I found your error message mentioned here

HoangLong · July 25, 2022, 4:26pm

I saw that too, but that doesn’t rellay help me

bencoman · July 25, 2022, 11:32pm

Oh. Thats dissapointing.

It really really helps to describe what you’ve already tried and learnt, particularly for the next person that encounters the same problem searching for an answer. For example, I’m sure you’ve checked how your current python version compares to the environment reported for that bug. Let us know. That is useful information for those in the community that would like to help you.

Also for example, I’m sure that you’ve tried reproducing the YOLO5 error, using the given Minimal Reproducible Example. Their Quickstart example seems pretty simple. So please report the exact command/response you got from that. Since currently google results for your error message are current very scarce, and the YOLO5 bug was reported very recently, only a month ago, maybe very few people have encountered your issue.

Please read How To Ask Questions The Smart Way paying particular attention to “display the fact that you have done these things.” Hopefully we can help you find an answer to your issue.

HoangLong · July 26, 2022, 8:55am

Sorry for my ignorance, but I don’t really get how the YOLO5 error is related to mine.
My problem occurs when I use the export() function from fastai.
I use the same python version as in the reported bug, but my pytorch version is 1.12.0 instead of the nightly build, simply because fastai overrides the pytorch version for compatibility reasons I guess.

bencoman · August 1, 2022, 12:49pm

Hi @HoangLong, Have you managed to solve this yet?

I was curious to see what change was made in the PR that fixed that YOLO issue I linked above, and its interesting that the fix seems to be to force cpu usage.

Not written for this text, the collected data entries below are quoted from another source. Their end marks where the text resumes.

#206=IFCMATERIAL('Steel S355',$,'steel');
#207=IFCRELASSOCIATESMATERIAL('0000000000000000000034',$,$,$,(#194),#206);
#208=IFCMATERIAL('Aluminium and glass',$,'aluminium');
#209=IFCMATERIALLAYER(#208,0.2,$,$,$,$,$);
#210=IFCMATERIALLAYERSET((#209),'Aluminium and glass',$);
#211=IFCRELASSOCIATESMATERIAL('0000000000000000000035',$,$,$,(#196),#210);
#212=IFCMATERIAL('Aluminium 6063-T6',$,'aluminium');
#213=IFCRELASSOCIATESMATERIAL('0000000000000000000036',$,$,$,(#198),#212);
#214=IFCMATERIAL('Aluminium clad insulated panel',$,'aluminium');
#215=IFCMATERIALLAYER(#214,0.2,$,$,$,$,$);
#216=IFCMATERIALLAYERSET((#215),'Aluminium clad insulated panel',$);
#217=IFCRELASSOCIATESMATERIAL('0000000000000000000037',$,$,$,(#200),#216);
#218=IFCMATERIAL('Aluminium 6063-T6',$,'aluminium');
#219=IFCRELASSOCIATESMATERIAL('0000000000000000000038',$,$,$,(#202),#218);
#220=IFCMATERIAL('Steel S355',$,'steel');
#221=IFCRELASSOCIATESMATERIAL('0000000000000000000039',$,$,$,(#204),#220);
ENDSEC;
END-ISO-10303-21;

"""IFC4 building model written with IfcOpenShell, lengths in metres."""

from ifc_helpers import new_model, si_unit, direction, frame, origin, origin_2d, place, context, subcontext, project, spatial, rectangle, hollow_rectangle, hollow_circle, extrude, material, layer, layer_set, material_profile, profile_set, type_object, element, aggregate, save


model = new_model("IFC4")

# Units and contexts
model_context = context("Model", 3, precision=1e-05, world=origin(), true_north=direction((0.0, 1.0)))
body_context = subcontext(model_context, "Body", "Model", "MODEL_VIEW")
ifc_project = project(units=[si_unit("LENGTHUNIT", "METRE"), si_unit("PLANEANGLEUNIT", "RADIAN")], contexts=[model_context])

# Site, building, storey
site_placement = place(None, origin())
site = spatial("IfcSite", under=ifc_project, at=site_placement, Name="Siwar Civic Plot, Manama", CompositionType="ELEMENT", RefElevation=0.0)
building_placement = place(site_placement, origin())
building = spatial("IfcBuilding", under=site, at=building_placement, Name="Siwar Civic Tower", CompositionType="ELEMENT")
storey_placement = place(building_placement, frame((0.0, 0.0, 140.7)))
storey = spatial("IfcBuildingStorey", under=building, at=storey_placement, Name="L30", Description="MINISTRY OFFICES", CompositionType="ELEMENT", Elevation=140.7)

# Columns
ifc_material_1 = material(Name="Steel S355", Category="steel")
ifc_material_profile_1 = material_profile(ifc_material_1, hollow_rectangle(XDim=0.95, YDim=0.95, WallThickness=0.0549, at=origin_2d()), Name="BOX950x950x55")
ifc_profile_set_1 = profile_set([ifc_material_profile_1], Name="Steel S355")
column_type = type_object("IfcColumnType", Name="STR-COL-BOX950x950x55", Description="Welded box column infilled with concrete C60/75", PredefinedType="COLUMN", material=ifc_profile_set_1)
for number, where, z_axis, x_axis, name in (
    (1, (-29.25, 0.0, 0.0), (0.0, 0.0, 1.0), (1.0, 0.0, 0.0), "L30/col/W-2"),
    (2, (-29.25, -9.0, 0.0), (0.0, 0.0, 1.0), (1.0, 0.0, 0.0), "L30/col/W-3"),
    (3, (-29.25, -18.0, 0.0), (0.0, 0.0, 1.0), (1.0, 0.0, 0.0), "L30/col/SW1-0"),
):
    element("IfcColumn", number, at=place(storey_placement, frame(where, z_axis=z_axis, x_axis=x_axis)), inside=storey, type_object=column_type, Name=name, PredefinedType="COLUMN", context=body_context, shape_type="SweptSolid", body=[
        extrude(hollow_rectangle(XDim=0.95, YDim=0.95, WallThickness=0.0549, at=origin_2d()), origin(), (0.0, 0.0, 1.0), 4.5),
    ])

You don’t mention that you’ve tried any simple test programs like the following, so can you report if they work for you?

If they do all work, then sorry I’m lacking any more useful tips. HTH.

manojmohan · August 1, 2022, 2:38pm

I can’t reproduce this issue on M1 Mac with fastai 2.7.7/torch 1.12.0. This runs successfully.

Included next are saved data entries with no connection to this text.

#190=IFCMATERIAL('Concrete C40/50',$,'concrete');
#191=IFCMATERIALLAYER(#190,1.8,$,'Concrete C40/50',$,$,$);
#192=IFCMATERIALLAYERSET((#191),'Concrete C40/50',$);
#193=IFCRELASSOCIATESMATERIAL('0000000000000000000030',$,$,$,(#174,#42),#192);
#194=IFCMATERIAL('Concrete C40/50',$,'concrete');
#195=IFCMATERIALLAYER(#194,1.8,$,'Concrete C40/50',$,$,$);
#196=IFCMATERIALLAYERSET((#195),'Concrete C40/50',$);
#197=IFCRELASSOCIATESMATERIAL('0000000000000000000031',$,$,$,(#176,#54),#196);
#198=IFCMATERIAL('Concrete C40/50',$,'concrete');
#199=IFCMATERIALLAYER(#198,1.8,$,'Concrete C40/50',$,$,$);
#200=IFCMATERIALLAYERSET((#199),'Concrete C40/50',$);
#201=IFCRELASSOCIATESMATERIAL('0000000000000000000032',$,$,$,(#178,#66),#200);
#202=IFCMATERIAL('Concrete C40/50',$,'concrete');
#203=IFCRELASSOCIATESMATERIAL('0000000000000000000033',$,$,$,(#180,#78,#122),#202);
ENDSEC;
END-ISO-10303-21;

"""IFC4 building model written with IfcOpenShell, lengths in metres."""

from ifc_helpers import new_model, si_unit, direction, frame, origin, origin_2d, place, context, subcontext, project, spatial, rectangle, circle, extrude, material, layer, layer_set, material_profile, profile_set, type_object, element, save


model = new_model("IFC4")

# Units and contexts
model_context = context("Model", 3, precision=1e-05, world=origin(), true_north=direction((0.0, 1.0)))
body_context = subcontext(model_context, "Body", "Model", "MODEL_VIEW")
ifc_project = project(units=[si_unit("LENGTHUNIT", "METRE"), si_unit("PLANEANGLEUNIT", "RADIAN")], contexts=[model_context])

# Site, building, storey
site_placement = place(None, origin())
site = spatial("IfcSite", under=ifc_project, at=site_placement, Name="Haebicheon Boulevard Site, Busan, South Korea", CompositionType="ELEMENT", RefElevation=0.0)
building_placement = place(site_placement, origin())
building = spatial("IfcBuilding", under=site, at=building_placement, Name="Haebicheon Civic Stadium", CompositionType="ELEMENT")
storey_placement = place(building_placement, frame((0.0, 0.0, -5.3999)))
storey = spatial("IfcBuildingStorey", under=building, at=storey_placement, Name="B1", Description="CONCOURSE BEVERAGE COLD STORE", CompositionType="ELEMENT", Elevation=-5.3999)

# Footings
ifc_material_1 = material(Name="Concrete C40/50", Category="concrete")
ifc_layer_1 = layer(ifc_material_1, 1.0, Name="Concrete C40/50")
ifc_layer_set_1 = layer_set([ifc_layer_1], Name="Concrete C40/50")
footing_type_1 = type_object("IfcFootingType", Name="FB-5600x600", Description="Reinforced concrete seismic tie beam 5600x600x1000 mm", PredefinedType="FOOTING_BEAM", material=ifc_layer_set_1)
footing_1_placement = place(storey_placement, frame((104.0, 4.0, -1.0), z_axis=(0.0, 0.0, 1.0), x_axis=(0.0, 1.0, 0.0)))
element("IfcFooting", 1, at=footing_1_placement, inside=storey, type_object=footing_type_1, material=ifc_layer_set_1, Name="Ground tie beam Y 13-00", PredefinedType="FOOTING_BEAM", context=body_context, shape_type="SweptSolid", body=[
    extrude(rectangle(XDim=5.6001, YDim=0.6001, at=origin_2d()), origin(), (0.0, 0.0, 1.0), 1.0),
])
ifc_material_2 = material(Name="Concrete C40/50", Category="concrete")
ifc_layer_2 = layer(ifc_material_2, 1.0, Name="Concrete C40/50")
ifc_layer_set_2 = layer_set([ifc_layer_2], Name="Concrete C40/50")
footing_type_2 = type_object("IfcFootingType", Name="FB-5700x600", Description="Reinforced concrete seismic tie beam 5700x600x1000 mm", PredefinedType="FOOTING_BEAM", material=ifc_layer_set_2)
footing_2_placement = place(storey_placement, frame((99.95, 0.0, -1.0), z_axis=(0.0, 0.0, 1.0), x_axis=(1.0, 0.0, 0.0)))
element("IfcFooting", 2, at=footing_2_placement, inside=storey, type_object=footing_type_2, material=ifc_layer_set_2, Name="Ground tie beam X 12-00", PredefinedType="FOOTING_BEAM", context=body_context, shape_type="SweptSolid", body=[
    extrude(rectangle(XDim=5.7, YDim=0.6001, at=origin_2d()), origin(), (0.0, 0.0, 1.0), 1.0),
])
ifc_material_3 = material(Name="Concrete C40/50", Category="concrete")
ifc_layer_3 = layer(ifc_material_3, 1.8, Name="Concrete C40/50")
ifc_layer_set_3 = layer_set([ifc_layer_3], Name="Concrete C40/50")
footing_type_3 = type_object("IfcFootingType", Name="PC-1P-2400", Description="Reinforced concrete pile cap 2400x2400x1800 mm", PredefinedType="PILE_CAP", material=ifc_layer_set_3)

learn = vision_learner(dls, resnet18, metrics=error_rate, lr=0.15)
learn.export(‘model.pkl’)

Are you using a custom model?

HoangLong · August 2, 2022, 2:42pm

All of the steps work fine.
I’m guessing it has something to do with the missing ‘mps’ support in ‘serialization.py’ in pytorch. I have pytorch 1.12 installed, but when comparing with the github code somehow I am missing the code for 'mps" support.

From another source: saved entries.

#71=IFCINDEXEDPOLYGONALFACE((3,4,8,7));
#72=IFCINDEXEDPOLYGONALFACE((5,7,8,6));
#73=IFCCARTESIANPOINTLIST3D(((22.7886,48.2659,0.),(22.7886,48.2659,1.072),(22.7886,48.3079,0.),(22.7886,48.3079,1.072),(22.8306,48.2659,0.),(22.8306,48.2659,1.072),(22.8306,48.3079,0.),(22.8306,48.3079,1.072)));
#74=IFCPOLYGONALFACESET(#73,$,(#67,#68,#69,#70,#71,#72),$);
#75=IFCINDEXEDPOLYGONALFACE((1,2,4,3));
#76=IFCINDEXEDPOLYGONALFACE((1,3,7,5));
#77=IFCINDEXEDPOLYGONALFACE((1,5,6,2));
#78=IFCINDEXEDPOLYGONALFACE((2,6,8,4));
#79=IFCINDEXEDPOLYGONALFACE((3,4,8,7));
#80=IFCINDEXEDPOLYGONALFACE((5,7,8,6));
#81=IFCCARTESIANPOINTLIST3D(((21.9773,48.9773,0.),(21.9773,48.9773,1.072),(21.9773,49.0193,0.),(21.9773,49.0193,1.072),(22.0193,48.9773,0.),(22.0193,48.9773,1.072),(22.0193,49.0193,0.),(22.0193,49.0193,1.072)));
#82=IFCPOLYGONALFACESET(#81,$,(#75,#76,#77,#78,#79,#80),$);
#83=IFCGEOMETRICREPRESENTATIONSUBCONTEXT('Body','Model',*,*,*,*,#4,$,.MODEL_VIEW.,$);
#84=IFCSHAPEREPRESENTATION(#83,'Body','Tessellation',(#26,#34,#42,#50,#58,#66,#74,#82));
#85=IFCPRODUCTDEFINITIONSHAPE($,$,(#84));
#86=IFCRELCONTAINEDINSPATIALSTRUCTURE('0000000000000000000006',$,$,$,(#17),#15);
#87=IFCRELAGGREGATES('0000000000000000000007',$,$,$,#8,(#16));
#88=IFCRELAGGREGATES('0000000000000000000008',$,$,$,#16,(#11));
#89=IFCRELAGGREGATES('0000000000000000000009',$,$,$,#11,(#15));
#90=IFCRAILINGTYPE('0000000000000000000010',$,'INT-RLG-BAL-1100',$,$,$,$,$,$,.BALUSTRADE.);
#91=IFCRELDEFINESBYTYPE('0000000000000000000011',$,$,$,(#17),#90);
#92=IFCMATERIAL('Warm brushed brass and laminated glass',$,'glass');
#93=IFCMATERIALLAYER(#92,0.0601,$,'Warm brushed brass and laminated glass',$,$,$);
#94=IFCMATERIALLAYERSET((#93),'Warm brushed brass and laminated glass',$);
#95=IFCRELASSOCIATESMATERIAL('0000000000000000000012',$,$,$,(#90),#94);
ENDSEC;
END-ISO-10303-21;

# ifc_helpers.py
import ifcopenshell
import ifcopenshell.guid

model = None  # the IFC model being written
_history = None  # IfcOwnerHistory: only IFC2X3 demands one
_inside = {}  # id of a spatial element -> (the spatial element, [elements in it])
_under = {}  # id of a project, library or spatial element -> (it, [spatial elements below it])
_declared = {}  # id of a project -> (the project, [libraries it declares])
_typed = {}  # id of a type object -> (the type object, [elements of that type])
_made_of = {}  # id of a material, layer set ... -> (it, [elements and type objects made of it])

HoangLong · August 2, 2022, 2:44pm

Also using fastai 2.7.7/torch 1.12.0. No custom model. Just trying out this notebook locally on VSCode:

malwin · August 29, 2022, 9:49pm

I also have this issue.

This is a pytorch library problem, pytorch is what’s throwing the error. (not yolov5)

(@bencoman in the issue you linked, they closed it at the end by identifying the issue as a pytorch issue and asked the user to file a bug with pytorch (Torch MPS (gpu) acceleration not working M1 Mac. · Issue #8102 · ultralytics/yolov5 · GitHub))

Calling the fastai learn.export() fuction is very simple code and that is the reproducibility here, just calling learn.export(). It works for me in Kaggle but not locally on my computer.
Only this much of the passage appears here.